Network on Chip (NoC) based Spiking Neural Network (SNN) hardware architectures have been proposed as embedded computing systems for data/pattern classification and control applications. As the NoC communication infrastructure is fully reconfigurable, scaling of these systems requires large amounts of distributed on-chip memory for storage of the SNN synaptic connectivity (topology) information. This large memory requirement poses a serious bottleneck for compact embedded hardware SNN implementations. The goal of this work is to reduce the topology memory requirement of embedded hardware SNNs by exploring the combination of fixed and configurable interconnect through the use of fixed sized clusters of neurons and NoC communication infrastructure. This paper proposes a novel two-layered SNN structure as a neural computing element within each neural tile. This architectural arrangement reduces the SNN topology memory requirement by 50%, compared to a non-clustered (single neuron per neural tile) SNN implementation. The paper also proposes sharing of the SNN topology memory between neural cluster outputs within each neural tile, for utilising the on-chip memory efficiently. The paper presents hardware resource requirements of the proposed architecture by mapping SNN topologies with random and irregular connectivity patterns (typical of practical SNNs). The architectural scheme of sharing the SNN topology memory between neural cluster outputs, results in efficient utilisation of the SNN topology memory and helps accommodate larger SNN applications on the proposed architecture. Results illustrate up to a 66% reduction in the required silicon area of the proposed clustered neural tile SNN architecture using shared topology memory compared to the non-clustered, non-shared memory architecture.

References

  1. Benini, L. & De Micheli, G., 2002. Networks on chips: a new SoC paradigm. Computer, 35(1), pp.70-78.

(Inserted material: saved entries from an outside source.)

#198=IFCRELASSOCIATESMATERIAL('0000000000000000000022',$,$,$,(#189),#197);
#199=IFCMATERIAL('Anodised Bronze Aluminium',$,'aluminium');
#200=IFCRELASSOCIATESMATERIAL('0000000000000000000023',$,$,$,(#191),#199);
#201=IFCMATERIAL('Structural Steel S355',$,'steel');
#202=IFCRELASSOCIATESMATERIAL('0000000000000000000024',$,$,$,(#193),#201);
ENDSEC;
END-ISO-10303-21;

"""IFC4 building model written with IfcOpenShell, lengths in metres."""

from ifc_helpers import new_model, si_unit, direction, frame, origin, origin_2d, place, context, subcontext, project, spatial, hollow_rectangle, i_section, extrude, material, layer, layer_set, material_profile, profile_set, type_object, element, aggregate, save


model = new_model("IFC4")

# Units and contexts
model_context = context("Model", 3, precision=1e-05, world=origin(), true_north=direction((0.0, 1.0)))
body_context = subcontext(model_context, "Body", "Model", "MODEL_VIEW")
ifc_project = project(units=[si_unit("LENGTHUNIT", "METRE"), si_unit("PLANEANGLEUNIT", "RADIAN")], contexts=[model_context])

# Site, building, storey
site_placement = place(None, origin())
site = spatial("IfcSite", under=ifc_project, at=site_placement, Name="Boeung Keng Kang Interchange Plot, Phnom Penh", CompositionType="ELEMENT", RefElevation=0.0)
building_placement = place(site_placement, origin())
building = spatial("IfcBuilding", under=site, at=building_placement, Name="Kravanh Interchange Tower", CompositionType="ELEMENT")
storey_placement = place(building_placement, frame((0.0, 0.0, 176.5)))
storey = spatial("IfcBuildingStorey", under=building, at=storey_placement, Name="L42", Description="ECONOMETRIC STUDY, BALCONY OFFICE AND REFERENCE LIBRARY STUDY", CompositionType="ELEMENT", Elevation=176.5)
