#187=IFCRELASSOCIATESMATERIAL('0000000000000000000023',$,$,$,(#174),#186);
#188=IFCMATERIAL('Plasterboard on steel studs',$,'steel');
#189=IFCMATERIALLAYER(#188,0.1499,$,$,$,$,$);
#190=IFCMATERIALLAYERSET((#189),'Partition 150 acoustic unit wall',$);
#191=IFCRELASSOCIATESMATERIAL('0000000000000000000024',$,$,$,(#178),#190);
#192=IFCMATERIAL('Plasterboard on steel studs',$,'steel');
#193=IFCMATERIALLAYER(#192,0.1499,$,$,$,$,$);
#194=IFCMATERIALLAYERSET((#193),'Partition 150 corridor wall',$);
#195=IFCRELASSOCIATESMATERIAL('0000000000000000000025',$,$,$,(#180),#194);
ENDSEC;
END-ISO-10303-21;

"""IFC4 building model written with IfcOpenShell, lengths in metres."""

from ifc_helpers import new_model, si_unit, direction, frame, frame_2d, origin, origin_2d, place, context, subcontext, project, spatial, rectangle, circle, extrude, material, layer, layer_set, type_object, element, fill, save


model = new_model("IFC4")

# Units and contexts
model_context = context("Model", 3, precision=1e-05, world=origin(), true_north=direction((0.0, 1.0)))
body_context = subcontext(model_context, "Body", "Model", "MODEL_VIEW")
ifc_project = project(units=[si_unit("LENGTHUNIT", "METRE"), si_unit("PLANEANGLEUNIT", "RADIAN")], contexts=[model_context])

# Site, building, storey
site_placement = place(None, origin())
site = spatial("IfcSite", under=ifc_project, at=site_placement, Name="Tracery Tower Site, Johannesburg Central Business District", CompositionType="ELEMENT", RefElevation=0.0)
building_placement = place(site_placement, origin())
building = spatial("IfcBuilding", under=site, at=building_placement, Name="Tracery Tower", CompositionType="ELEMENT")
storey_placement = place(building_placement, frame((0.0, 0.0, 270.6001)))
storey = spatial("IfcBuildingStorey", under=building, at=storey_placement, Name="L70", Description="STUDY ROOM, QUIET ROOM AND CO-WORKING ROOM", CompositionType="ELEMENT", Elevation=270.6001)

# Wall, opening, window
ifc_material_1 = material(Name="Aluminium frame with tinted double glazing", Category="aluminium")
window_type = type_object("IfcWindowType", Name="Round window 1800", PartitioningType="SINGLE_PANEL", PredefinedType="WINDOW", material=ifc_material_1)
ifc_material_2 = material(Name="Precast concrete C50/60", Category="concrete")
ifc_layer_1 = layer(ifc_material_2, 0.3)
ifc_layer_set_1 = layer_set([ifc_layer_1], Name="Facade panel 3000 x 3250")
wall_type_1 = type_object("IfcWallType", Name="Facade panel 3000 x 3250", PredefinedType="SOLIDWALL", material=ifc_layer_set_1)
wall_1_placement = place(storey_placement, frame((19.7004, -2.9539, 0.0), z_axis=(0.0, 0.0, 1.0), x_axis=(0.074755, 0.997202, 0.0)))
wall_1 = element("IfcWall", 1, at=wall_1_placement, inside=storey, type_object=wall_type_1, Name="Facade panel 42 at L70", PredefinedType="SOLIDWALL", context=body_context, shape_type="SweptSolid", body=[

  2. Cawley, Seamus et al., 2011. Hardware spiking neural network prototyping and application. Genetic Programming and Evolvable Machines.

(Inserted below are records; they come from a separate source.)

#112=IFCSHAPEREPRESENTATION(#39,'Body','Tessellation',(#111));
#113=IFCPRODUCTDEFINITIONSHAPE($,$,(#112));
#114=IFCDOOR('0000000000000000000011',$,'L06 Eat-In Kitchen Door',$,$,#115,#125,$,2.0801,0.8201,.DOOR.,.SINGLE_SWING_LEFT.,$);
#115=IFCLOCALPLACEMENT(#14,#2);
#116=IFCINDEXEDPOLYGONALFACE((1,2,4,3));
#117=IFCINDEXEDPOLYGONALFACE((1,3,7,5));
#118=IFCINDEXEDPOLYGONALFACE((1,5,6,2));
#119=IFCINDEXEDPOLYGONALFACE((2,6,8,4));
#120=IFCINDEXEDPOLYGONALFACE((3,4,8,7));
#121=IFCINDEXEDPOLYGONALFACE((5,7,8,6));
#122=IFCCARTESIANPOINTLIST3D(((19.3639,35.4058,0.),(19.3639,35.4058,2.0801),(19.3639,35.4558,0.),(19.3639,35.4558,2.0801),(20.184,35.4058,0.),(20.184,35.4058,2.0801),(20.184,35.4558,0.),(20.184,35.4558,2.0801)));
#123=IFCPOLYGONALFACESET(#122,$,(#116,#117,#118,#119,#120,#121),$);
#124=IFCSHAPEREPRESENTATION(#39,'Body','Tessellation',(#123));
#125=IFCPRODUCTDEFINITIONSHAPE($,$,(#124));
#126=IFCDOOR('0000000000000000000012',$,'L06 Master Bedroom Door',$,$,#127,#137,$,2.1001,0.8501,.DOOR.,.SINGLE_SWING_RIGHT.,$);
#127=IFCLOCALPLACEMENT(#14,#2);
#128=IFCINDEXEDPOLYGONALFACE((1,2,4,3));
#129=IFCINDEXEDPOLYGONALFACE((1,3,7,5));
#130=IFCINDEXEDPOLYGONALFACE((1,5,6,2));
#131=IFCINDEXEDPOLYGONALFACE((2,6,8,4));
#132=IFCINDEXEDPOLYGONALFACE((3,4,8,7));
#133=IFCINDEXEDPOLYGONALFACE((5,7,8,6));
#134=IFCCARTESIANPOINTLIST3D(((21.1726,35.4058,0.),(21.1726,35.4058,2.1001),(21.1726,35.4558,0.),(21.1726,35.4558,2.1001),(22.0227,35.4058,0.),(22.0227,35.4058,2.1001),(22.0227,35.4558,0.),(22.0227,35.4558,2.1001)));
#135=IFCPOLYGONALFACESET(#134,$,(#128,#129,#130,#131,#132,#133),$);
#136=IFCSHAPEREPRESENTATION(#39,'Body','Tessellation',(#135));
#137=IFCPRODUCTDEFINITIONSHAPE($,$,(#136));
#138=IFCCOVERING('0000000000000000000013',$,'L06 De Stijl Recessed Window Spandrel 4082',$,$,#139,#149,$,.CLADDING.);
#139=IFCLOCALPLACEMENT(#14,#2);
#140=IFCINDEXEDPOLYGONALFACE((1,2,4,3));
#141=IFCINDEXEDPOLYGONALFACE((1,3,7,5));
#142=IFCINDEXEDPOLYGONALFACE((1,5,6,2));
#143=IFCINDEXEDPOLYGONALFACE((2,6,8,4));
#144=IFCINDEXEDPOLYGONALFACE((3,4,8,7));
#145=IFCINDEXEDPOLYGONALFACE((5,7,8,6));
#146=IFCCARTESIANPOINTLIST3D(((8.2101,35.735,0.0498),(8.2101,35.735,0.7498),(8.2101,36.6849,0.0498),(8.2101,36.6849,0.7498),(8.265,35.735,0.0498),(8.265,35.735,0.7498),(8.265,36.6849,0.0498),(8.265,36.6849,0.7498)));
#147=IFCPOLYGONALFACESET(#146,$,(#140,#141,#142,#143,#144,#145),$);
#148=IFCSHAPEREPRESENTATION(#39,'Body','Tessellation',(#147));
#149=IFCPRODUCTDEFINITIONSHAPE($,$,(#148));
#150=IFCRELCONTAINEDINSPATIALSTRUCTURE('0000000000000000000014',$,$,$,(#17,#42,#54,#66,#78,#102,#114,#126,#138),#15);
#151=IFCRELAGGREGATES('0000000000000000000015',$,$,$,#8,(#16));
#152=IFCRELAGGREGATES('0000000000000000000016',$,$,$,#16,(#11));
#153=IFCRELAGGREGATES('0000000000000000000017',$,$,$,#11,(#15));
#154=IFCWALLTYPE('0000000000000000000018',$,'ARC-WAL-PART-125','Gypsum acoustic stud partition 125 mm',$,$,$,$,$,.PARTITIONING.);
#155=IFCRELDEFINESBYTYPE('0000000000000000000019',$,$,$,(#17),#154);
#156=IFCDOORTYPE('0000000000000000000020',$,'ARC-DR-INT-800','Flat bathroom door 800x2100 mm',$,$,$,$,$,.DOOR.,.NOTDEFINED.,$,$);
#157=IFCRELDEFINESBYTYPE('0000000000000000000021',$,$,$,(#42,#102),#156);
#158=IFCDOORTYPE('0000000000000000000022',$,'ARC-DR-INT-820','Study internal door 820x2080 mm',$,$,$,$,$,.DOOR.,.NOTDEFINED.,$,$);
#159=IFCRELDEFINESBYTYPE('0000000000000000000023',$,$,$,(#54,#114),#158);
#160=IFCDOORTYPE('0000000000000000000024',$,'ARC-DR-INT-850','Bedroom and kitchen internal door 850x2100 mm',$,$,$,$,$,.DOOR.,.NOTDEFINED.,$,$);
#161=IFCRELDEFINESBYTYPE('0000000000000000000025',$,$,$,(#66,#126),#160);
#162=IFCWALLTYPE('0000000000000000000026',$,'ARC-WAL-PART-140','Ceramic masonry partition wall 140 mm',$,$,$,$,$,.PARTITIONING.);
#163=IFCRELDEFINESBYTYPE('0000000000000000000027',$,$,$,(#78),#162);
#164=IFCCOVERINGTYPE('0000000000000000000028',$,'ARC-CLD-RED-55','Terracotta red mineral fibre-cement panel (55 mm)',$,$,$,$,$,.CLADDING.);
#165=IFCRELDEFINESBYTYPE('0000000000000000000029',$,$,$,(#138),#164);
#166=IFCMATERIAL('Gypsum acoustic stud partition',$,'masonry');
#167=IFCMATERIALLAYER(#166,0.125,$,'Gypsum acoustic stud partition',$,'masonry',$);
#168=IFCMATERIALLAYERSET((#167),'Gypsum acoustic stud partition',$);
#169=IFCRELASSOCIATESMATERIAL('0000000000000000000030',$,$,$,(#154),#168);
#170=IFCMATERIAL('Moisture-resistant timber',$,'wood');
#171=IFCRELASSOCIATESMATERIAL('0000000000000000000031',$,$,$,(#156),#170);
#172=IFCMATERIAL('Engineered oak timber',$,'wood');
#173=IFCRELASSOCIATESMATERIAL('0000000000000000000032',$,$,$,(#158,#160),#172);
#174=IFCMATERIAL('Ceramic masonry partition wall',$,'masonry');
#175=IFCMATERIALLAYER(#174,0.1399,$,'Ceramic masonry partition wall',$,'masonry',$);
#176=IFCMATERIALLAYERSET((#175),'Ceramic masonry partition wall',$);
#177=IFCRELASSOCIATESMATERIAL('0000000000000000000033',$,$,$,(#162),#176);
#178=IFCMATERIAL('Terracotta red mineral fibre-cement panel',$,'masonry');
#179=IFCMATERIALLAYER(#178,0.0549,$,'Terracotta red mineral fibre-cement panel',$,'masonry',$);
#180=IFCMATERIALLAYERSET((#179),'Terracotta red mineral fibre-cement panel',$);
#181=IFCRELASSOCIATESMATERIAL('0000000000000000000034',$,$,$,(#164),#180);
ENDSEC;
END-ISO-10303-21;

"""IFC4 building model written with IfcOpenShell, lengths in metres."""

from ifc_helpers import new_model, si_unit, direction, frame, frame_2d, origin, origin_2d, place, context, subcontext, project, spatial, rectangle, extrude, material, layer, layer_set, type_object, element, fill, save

  3. Ehrlich, M. et al., 2007. Wafer-scale VLSI implementations of pulse coupled neural networks. In Proceedings of the International Conference on Sensors, Circuits and Instrumentation Systems.
  4. Emery, R., Yakovlev, A. & Chester, G., 2009. Connection-centric network for spiking neural networks. In Networks-on-Chip, 2009. NoCS 2009. 3rd ACM/IEEE International Symposium on. Networks-on-Chip, 2009.
  5. Furber, S. & Brown, A., 2009. Biologically-Inspired Massively-Parallel Architectures - Computing Beyond a Million Processors. In Application of Concurrency to System Design, 2009. ACSD 7809
  6. Furber, S., Temple, S. & Brown, A., 2006. On-chip and inter-chip networks for modeling large-scale neural systems. In Circuits and Systems, 2006. ISCAS 2006. Proceedings. 2006 IEEE International Symposium on. Circuits and Systems, 2006.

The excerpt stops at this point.